Again, the same $\lambda$ parameter controls the regularization. Unlike the ridge regression, this can actually shrink some of the coefficients, $\beta$ to 0. Therefore, unlike Ridge Regression, the LASSO also preforms *variable selection*. 

![](./assets/constraint.png)

![](./assets/full.png)
https://www.linkedin.com/pulse/intuitive-visual-explanation-differences-between-l1-l2-xiaoli-chen/

## Elastic Net

There are other methods that take both the ridge approach as well as the LASSO approach. One such method is known as the Elastic Net.
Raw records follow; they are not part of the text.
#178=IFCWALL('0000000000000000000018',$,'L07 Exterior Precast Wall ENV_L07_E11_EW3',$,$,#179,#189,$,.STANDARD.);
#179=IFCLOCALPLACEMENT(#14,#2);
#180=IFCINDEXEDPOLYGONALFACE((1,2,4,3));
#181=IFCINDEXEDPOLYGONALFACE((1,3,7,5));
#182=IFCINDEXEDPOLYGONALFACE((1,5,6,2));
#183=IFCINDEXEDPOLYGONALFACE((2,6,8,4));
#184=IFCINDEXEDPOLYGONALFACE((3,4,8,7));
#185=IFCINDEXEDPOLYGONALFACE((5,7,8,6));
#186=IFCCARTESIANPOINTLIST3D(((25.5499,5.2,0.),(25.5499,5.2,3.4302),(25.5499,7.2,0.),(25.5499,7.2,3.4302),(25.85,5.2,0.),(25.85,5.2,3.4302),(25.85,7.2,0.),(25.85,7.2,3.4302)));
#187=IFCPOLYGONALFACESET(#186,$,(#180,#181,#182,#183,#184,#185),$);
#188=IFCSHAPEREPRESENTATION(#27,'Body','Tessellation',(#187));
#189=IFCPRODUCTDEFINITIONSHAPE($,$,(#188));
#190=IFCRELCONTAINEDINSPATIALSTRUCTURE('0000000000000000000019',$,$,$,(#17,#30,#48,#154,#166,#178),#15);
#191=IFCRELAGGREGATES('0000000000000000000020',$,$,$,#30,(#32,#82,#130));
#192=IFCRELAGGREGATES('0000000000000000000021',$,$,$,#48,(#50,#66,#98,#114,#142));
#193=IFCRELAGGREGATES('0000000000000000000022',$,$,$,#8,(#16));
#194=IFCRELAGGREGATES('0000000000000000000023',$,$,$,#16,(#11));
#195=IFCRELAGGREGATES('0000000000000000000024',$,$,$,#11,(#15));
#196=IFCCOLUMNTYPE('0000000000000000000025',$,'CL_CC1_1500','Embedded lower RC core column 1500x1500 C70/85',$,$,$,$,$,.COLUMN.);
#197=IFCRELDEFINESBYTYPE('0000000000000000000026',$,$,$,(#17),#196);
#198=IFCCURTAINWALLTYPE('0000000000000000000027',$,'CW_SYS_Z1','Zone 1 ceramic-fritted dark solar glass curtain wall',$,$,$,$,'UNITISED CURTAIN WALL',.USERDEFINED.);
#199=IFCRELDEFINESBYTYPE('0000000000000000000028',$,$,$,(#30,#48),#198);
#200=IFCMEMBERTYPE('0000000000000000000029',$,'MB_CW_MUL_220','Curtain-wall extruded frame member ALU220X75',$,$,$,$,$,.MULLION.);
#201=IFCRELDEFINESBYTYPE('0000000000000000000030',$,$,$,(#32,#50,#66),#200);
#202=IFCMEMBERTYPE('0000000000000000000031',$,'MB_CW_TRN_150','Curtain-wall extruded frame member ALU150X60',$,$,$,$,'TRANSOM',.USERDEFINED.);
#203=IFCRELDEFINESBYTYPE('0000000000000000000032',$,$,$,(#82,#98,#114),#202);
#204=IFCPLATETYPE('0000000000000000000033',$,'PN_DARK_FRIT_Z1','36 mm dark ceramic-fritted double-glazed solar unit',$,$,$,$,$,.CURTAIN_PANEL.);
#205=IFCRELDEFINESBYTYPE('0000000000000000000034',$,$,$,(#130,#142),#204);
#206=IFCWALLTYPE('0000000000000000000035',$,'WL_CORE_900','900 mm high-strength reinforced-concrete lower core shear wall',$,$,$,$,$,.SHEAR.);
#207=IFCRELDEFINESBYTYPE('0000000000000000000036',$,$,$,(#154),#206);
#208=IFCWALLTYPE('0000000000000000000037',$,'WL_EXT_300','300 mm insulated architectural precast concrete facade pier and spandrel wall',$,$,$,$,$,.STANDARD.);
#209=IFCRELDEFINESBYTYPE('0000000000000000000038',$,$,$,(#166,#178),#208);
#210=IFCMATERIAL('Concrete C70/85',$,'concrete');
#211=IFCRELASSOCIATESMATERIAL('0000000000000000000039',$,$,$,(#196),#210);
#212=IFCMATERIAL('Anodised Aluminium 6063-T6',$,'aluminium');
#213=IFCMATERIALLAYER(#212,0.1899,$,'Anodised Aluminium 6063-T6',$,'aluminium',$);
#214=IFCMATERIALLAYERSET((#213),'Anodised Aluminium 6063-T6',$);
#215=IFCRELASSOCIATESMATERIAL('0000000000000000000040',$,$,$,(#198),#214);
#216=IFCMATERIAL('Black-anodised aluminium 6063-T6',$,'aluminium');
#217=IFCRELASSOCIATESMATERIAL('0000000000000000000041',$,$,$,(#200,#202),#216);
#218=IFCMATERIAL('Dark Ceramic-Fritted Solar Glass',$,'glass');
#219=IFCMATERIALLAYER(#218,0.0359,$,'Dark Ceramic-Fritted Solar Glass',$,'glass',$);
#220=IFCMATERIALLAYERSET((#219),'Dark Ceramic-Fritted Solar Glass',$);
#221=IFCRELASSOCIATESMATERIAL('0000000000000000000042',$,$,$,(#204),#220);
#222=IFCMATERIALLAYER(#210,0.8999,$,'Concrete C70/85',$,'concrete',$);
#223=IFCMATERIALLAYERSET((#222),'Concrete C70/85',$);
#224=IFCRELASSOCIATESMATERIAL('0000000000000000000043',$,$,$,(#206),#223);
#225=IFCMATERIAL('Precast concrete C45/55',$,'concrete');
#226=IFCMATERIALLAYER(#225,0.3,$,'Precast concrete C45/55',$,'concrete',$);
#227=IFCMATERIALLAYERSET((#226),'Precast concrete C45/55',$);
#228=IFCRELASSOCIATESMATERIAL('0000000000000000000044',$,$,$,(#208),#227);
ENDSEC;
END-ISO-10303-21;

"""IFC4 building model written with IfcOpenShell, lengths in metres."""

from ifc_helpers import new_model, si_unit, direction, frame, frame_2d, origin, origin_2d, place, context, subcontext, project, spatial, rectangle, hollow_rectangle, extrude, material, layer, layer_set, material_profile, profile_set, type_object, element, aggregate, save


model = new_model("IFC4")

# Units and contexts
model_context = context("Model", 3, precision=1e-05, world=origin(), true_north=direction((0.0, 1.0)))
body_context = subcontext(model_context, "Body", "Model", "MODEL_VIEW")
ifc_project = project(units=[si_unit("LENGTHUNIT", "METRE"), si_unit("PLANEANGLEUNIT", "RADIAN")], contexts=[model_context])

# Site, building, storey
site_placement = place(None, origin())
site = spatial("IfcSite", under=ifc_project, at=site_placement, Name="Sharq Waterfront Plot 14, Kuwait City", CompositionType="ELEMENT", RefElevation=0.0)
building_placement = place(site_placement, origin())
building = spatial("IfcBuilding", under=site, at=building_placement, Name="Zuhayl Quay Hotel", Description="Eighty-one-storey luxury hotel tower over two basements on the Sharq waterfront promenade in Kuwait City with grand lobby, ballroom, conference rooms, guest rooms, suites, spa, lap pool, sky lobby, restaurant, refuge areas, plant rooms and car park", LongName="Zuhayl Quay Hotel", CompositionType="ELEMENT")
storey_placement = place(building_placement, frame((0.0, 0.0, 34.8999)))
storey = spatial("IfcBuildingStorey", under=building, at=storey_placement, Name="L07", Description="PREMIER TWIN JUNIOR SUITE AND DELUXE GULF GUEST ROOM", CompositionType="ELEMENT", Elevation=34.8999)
$$ \hat{\beta} = \underset{\beta}{\arg\min} \sum_{i=1}^{n}(y_i - \beta_0 - \sum_{j=1}^{p}x_{ij}\beta_j)^2 + \lambda_1\sum_{j=1}^{p}|\beta_j| + \lambda_2\sum_{j=1}^{p}\beta_j^2$$

This is often used for problems known as "large $p$, small $n$", where the number of predictors is quite large in comparison to the number of samples, which is common in genomics. Ridge Regression may not be able to run due to the large number of predictors, but the LASSO may select too few parameters (it will shrink too many to 0).

This is a good middle ground that will select groups of correlated predictors, in theory.